In partnership with NiTech Solutions and the University of Sheffield, CPI helped develop a continuous manufacturing route for nickel – manganese – cobalt (NMC) precursors. This process improved yield, reduced energy use, and ensured consistent particle morphology. It demonstrated proof of concept for continuous oscillating baffle reactors to be used for production of pCAM and evaluated the economics and sustainability versus traditional batch methods.

HISTORY Project – scaling solid-state batteries

CPI supported Ilika Technologies and automotive partners in developing high-silicon anode formulations for solid-state batteries (SSBs).

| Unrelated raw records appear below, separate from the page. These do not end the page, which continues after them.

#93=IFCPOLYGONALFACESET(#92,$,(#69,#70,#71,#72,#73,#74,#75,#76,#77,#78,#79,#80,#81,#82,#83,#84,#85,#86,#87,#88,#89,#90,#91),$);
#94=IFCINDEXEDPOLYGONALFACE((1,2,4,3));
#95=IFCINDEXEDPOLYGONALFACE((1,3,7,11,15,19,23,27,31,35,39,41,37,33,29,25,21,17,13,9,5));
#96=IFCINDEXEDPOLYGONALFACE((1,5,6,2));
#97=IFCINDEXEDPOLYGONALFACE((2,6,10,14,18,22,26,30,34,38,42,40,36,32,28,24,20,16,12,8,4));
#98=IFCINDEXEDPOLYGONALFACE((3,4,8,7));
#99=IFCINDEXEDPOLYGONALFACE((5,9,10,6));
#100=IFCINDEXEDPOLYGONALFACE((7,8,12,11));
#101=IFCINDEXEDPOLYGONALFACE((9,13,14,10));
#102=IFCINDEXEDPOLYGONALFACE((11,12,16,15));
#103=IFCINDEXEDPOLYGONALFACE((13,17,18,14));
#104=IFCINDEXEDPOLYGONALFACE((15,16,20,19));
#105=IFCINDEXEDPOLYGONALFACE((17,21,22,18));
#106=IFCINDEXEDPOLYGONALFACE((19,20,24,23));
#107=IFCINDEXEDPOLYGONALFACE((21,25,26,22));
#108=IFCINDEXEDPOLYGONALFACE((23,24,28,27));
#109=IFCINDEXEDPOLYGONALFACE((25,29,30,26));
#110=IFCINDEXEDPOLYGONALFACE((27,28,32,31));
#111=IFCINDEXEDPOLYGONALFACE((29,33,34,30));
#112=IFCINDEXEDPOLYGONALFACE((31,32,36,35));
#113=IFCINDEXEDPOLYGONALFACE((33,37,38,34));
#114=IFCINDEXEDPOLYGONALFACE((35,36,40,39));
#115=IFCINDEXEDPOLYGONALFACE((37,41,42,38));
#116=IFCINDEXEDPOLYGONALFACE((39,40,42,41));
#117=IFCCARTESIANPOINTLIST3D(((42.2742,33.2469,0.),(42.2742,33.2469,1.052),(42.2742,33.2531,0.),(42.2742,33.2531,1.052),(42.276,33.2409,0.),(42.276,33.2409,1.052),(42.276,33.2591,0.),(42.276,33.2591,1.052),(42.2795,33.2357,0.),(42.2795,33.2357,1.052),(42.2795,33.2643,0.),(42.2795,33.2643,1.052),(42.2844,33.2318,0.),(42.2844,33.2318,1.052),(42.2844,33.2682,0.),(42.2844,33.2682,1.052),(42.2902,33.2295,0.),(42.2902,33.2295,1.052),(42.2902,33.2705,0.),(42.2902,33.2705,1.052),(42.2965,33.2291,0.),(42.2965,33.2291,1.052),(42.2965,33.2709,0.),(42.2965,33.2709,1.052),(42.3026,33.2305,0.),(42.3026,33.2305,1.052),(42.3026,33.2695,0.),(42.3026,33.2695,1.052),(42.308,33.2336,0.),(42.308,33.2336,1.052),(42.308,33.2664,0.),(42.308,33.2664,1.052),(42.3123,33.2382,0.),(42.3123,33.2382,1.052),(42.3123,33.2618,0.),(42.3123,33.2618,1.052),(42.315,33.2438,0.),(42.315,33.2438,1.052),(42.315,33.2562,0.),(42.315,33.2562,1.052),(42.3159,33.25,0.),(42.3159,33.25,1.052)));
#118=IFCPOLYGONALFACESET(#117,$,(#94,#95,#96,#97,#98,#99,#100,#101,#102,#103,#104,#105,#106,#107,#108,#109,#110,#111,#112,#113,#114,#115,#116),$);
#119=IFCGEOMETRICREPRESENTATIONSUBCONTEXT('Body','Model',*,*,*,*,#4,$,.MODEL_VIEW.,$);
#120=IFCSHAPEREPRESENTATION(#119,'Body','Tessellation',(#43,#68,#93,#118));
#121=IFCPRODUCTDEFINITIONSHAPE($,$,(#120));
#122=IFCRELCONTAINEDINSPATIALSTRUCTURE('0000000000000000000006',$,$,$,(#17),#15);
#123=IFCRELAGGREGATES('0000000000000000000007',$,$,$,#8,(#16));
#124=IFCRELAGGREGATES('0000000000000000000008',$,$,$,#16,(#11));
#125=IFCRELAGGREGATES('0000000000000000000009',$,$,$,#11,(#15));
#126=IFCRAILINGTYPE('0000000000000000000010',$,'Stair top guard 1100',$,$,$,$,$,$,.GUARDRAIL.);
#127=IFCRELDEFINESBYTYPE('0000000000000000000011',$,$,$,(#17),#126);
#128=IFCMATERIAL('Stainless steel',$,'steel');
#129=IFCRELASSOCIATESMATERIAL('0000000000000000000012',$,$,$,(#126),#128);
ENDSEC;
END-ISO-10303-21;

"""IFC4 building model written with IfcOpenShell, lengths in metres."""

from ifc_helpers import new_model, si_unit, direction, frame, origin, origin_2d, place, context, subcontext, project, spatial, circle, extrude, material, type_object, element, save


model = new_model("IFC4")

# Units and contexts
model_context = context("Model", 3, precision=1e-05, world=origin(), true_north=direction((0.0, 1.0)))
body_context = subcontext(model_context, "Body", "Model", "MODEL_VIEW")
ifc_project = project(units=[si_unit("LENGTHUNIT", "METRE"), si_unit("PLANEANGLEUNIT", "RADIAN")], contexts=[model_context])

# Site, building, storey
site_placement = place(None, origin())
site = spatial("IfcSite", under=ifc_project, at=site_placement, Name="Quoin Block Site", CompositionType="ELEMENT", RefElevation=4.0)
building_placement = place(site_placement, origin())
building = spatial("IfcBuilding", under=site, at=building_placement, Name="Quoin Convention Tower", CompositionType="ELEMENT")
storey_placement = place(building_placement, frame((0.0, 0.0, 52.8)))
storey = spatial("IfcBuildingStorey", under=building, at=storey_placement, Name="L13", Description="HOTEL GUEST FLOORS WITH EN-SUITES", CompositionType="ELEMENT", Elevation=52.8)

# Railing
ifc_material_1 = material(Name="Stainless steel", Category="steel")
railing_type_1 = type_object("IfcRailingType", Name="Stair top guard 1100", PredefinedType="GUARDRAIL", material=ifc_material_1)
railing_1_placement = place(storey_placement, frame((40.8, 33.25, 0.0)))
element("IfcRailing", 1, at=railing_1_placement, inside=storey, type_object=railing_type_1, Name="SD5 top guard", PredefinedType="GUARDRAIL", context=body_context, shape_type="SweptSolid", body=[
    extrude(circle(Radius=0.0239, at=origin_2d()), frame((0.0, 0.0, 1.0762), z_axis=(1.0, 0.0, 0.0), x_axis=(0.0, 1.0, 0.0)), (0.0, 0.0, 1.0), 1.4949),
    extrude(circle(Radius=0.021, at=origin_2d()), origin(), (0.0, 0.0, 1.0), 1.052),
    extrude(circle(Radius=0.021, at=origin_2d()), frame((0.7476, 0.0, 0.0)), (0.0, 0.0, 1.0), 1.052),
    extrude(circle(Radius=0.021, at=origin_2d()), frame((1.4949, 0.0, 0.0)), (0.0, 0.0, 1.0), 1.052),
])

Using our advanced coating and formulation expertise, CPI demonstrated electrodes with three times the specific capacity of conventional lithium-ion anode materials and proved scalability through process transfer to larger manufacturing environments.

Process control and digital innovation

Real-time analytics are transforming the economics of scale-up. CPI’s integration of soft sensors and data-driven feedback loops allows engineers to capture parameters that would otherwise go unseen. This reduces batch failures, tightens quality tolerances, and accelerates learning cycles. 

Through AI-assisted predictive control and adaptive process design, companies can explore ​“what-if” scenarios virtually, adjusting temperature, concentration, or residence time before committing physical resources. 

Combined with CPI’s battery forensics and ageing analysis, these digital tools give innovators unprecedented visibility into performance degradation and process stability. 

Closing the loop: sustainability and circularity

Scaling isn’t only about throughput; it’s also about responsibility. As global regulations tighten around the Battery Passport, traceability and environmental validation are now commercial necessities. 

CPI supports clients in embedding sustainability from the start through: 

• Life Cycle Assessment (LCA) to quantify carbon footprint and material impact. 

• Techno-Economic Assessment (TEA) to verify cost per kWh and return on investment. 

• Critical element recovery and recycling process development using hydrometallurgy, bioleaching, and ionic liquids. 

This combination of technical optimisation and sustainability insight helps clients secure funding, satisfy investor due diligence, and meet regulatory standards before entering mass production. 

Why scale-up success starts with partnership

For start-ups, spinouts, and established OEMs alike, the path to commercial battery innovation is rarely linear. CPI’s integrated model, combining materials science, process chemistry, process engineering, digital analytics, and sustainability assessment, allows companies to accelerate from lab to pilot scale with greater confidence and less risk. 

We provide the expertise, infrastructure, and validation environment needed to prove that new materials can meet the performance, cost, and ESG standards the market demands. 

Scaling innovation does not have to mean going it alone. By partnering with CPI and AMBIC, innovators can shorten R&D cycles, reduce capital risk, and bring breakthrough battery materials to market faster, powering the shift to an electrified future.